I pretty much know what you get in Marbella/Banus so i suppose the question is, is fuengirola any good for a stag do in december ? One other thing is a couple of the party are on a limited budget and I dont want to be buying rounds all night at 8+ Euros a drink

Any help would be much appreciated

Dean


----------



## Stravinsky (Aug 12, 2007)

Benidorm is open all year 



deanhankin said:


> Hi All,
> 
> Ive been nominated to be best man and organise a stag do for a friend, We have come down to 2 choices
> 
> ...


----------



## xxxxxxxxxxxxxdeanhankin (May 5, 2009)

Stravinsky said:


> Benidorm is open all year


Yeah im sure it is, Shame its a **** hole


----------



## Stravinsky (Aug 12, 2007)

deanhankin said:


> Yeah im sure it is, Shame its a **** hole


Well, thats not actually true at the time of year you are talking about. Granted you dont want to be there in July & August, but in fact apart from maybe the British end, it can be quite a pleasant place in the old town down by the South Beach ... and anyway, you're going on a stag do!!! 

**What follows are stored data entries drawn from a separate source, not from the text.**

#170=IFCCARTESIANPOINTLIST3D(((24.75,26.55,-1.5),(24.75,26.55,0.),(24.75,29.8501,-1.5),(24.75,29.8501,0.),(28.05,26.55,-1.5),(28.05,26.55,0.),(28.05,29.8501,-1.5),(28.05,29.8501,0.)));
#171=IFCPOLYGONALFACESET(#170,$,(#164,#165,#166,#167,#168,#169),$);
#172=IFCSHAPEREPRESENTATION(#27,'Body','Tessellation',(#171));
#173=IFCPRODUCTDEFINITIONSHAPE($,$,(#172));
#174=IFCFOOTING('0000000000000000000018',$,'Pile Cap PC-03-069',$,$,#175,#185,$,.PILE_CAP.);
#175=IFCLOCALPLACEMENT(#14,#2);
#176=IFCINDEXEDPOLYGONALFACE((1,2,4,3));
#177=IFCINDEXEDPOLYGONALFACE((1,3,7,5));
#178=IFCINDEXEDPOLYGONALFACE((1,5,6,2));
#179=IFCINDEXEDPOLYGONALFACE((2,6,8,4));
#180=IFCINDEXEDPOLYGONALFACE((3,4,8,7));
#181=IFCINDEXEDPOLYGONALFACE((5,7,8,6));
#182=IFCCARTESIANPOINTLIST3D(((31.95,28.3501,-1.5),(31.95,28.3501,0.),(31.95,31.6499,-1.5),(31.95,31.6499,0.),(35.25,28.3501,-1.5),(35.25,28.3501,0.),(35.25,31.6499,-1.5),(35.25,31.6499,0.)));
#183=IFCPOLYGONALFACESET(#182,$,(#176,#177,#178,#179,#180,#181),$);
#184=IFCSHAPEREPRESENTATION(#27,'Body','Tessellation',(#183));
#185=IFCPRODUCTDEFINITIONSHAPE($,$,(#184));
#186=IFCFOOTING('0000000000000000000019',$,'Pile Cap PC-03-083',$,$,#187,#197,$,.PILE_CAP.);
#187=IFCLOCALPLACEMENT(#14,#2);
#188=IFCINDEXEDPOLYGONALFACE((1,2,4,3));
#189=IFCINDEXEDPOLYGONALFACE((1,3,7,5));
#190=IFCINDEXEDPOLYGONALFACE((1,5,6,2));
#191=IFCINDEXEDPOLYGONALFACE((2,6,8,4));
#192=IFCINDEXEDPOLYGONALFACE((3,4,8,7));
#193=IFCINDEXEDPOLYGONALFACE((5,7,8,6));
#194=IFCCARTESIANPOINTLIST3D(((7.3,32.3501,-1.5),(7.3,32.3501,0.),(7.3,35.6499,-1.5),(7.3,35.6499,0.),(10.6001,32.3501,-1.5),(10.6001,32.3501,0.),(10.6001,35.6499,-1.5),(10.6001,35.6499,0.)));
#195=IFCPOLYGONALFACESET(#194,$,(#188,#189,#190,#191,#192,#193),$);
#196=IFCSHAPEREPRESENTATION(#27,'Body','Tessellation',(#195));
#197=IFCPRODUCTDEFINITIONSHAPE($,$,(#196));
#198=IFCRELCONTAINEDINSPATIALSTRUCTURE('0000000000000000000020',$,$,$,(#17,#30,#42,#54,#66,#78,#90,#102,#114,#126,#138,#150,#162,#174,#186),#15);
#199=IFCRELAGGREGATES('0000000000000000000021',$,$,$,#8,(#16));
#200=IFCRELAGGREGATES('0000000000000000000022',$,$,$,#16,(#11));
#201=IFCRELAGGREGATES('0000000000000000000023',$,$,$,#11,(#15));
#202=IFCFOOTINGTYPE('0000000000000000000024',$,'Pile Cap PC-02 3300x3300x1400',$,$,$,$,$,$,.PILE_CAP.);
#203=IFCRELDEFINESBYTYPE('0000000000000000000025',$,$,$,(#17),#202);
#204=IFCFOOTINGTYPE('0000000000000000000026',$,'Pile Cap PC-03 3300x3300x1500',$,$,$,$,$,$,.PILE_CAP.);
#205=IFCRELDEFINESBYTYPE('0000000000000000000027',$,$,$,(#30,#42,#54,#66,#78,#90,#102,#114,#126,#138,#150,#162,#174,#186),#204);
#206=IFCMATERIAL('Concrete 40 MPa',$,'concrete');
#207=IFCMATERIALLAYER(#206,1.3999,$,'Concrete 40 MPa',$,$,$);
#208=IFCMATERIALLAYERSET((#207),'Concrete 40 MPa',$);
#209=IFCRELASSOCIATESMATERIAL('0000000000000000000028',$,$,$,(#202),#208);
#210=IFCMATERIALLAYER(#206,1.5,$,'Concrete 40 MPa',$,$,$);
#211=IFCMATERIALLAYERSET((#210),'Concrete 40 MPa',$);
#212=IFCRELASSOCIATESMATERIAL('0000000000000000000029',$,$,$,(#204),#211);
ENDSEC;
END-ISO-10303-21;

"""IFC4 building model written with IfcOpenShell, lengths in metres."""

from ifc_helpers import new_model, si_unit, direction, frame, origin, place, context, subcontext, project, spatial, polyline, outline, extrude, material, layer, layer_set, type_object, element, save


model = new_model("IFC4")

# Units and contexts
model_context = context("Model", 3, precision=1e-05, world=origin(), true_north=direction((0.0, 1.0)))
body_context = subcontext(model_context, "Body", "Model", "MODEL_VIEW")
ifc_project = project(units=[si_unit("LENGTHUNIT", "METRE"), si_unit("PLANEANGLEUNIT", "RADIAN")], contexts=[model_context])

Anyway ... it was just a suggestion


----------



## jojo (Sep 20, 2007)

Fuengirola is gonna be cheaper than Marbella/puerto Banus, but I dont know just how lively and fun it would be in the winter months???? Alot of elderly come to Fuengirola for the winter??

Jo xxx


----------



## xxxxxxxxxxxxxdeanhankin (May 5, 2009)

jojo said:


> Fuengirola is gonna be cheaper than Marbella/puerto Banus, but I dont know just how lively and fun it would be in the winter months???? Alot of elderly come to Fuengirola for the winter??
> 
> Jo xxx


Should be right up the grooms street then seeing as he's 51, Thanks JoJo


----------



## jojo (Sep 20, 2007)

deanhankin said:


> Should be right up the grooms street then seeing as he's 51, Thanks JoJo



Sorted then Dean!! 

Jo xxx


----------



## XTreme (May 17, 2008)

deanhankin said:


> Should be right up the grooms street then seeing as he's 51, Thanks JoJo


He's old enough to know better than to get married!


----------



## xxxxxxxxxxxxxdeanhankin (May 5, 2009)

XTreme said:


> He's old enough to know better than to get married!


Fair comment.


----------



## Hombre (Sep 10, 2009)

deanhankin said:


> Hi All,
> 
> Ive been nominated to be best man and organise a stag do for a friend, We have come down to 2 choices
> 
> ...


€8 a drink !!!!.....that buys 8 bottles of wine up here !..or a 3 course meal...including wine.


----------



## tallbob (Aug 14, 2009)

I think you need strippers, XTreme says you need a good website:ranger:


----------



## xxxxxxxxxxxxxdeanhankin (May 5, 2009)

Hombre said:


> €8 a drink !!!!.....that buys 8 bottles of wine up here !..or a 3 course meal...including wine.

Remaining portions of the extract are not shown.